MaterializeInc / materialize

The data warehouse for operational workloads.
https://materialize.com
Other
5.66k stars 457 forks source link

create `http-client` source type #1704

Open quodlibetor opened 4 years ago

quodlibetor commented 4 years ago

Similar to #1701, but sort of the inverse, this will configure materialized to act as a client to some http server. E.g. CREATE SOURCE wikipedia FROM 'https://stream.wikimedia.org/v2/stream/recentchange' WITH (..) will create a connection that always reconnects and emits lines to the source wikipedia

rjnn commented 4 years ago

Some thinking needs to be done here on the ergonomics, and while I'm wildly enthusiastic about #1701, I'm not as much a fan of this without some additional product iteration: it's not quite a HTTP source: because it's a polling source: whereas #1701 describes a port that stays open and reactive to calls made to it, this feature flips it around and makes it Materialize's responsibility to poll the specified HTTP endpoint. There's lots of open questions: at what cadence? What's the reconnection protocol? It's a bit thorny to figure all of this out, and we should front-load some of that thinking, perhaps with a specific use-case in mind.

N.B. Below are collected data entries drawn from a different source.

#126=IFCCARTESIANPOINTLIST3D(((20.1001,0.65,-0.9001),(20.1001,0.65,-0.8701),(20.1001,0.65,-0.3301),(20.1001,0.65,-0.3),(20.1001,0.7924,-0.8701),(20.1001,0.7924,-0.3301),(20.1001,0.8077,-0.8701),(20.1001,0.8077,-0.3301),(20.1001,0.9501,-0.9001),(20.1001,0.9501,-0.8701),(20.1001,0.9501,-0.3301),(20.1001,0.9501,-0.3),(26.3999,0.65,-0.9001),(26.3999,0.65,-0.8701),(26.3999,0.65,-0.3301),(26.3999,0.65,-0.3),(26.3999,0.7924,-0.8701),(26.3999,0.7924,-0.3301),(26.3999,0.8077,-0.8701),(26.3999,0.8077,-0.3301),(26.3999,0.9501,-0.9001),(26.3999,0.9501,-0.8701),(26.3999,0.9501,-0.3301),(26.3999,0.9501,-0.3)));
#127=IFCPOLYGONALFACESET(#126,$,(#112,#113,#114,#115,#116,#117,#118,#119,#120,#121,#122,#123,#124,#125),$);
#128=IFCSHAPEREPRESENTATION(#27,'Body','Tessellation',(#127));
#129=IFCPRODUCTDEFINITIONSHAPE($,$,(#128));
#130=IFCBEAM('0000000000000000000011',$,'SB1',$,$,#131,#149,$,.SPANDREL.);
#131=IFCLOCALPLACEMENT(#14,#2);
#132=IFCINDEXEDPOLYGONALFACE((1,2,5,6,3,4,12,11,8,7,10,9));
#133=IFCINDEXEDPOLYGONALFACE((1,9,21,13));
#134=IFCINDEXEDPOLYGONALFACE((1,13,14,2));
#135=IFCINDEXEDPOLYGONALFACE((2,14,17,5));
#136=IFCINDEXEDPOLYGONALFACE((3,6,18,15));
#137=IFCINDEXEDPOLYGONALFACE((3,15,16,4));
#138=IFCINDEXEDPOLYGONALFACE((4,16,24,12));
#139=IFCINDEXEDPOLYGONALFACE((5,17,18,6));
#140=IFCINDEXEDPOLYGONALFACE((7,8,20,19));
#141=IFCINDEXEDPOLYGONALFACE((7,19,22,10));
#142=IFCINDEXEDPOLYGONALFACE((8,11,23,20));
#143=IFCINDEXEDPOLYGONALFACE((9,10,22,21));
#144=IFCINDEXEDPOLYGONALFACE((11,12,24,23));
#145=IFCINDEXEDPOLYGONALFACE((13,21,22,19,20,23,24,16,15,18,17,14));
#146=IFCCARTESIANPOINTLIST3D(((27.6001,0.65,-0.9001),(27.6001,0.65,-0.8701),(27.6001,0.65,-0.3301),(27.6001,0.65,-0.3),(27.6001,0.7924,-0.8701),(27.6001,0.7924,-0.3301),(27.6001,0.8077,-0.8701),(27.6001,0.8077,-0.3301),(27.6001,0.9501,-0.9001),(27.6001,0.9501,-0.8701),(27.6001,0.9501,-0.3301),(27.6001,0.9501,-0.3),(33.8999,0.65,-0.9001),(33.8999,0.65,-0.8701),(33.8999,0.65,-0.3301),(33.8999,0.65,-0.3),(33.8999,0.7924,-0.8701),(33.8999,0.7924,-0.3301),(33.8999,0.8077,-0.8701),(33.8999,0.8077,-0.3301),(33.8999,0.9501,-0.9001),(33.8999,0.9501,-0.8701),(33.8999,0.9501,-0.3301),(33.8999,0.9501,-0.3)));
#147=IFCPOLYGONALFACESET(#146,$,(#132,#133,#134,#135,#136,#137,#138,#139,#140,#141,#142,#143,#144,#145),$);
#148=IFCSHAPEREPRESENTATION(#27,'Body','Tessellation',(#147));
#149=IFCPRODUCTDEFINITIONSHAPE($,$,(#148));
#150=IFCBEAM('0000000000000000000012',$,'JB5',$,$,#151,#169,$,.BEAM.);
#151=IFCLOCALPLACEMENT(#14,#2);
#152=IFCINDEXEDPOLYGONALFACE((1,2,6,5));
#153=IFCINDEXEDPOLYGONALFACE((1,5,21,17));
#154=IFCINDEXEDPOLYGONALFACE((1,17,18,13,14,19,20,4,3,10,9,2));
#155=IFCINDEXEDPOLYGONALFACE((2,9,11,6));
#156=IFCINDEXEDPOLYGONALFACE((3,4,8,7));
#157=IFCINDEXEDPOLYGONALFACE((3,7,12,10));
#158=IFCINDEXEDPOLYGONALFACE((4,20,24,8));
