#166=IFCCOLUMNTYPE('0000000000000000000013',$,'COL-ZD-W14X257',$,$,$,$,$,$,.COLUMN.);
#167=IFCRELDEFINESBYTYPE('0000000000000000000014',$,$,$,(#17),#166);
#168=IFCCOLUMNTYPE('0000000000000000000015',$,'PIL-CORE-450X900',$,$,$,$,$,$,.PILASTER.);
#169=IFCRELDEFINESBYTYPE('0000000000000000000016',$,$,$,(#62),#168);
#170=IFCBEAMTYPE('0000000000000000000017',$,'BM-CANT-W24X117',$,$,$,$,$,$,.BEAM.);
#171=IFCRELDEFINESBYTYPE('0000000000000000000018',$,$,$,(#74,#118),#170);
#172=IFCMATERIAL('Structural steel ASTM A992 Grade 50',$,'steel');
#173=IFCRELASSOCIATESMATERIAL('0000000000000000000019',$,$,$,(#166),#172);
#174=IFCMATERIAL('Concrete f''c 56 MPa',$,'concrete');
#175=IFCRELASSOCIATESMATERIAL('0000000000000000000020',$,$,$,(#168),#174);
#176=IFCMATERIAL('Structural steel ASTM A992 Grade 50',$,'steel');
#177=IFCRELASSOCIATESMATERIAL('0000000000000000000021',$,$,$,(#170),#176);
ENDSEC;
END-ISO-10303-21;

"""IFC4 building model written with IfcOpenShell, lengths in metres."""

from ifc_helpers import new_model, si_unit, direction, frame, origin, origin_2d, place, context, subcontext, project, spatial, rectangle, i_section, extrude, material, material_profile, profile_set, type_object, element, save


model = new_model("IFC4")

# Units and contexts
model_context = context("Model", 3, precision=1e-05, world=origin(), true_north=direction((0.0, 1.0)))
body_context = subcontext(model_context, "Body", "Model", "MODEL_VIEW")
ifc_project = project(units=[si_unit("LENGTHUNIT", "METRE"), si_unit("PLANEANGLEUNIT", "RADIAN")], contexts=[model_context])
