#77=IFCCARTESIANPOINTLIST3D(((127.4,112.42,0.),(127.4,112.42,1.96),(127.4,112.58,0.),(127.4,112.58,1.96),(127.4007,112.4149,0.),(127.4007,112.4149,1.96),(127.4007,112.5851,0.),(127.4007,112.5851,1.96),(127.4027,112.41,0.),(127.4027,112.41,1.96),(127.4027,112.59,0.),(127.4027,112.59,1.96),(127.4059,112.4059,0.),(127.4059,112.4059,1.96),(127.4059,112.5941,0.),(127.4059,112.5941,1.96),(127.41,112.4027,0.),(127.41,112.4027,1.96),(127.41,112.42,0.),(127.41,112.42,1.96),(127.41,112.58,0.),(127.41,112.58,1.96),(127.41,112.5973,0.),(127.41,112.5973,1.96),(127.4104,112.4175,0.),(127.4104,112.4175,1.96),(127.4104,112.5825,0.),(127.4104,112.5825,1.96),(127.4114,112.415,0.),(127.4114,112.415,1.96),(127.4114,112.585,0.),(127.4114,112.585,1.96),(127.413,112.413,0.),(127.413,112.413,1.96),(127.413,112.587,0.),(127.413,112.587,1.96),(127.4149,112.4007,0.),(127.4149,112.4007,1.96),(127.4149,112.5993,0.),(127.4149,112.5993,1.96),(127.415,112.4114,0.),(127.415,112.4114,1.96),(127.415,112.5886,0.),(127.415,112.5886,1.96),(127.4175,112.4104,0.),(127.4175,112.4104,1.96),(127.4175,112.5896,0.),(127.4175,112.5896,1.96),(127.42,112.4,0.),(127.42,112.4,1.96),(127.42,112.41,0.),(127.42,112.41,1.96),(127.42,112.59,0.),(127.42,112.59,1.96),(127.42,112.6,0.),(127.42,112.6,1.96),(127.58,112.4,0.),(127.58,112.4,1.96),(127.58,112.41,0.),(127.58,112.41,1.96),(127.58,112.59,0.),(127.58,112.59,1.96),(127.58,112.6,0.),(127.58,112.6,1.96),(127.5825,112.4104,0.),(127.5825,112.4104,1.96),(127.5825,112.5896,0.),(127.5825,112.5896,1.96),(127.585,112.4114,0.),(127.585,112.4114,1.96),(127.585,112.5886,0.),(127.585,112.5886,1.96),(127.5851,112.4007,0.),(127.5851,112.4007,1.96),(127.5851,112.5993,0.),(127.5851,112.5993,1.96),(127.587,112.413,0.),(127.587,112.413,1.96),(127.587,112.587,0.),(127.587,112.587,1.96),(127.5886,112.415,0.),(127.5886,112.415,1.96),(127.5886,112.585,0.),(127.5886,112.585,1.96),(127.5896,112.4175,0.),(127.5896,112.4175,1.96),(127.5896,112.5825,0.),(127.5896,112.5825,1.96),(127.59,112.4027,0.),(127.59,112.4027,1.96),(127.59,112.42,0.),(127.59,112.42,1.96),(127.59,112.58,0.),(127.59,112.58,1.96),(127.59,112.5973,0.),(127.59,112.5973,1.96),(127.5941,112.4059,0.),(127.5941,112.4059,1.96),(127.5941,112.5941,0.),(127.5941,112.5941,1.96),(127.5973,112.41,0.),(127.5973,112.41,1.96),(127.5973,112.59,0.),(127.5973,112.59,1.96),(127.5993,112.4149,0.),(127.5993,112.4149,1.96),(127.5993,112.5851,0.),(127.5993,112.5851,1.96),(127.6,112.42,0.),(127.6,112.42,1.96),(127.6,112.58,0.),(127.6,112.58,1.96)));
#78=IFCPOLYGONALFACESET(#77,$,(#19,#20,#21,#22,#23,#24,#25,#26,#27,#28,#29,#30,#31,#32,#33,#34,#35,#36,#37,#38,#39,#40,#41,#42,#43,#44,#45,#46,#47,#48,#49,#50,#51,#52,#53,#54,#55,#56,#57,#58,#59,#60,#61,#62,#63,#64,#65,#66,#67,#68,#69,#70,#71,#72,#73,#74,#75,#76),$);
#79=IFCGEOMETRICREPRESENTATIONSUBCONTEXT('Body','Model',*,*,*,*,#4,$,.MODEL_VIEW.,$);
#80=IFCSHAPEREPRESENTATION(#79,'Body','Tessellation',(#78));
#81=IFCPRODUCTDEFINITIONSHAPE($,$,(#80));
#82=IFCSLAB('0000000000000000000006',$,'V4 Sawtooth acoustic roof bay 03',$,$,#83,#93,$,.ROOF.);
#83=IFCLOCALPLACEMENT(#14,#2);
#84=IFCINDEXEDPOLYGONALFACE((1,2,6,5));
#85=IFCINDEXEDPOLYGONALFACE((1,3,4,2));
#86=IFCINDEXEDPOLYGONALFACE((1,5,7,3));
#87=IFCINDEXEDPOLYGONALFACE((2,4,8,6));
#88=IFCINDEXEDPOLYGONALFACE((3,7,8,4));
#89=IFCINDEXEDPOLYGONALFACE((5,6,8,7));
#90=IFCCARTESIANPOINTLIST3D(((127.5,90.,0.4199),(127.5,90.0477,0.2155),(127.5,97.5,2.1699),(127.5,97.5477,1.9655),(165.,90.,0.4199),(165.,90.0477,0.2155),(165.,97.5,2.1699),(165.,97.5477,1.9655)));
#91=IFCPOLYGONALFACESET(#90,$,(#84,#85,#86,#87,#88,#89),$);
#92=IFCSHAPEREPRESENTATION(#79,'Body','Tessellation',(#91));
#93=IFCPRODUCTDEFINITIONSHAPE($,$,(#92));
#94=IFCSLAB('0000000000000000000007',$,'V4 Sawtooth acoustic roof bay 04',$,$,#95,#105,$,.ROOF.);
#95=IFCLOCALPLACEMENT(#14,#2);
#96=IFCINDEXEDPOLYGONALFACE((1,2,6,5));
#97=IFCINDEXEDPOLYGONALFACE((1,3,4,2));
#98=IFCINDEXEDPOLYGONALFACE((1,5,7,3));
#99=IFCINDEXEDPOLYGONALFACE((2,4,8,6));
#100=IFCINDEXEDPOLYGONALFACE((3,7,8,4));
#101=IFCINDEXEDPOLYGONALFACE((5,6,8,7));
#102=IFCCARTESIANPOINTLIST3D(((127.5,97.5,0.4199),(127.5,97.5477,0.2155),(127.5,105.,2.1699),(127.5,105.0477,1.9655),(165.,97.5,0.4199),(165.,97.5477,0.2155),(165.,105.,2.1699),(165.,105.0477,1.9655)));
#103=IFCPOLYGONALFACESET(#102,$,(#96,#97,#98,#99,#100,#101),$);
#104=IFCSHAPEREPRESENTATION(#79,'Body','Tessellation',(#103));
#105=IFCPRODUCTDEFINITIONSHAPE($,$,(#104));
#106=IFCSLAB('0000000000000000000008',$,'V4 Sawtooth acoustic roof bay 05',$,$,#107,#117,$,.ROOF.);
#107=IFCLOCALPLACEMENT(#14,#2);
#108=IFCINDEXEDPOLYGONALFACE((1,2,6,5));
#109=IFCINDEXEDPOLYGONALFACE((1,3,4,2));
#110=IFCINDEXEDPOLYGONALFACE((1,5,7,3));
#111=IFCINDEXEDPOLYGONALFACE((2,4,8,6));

quodlibetor commented 4 years ago

Oh, actually that's a good point I was imagining this as a long-lived connection to a source that continuously outputs data, not one that needs to be polled. I agree that polling would require a lot more thinking, and is interesting in its own right.

elindsey commented 2 years ago

I'm moving this off the sources and sinks board and onto the product backlog board - it'll need more poking at to determine if we want to do it. I think #2237 may subsume this task, that would cover most of the interesting use cases and in a more standardized way.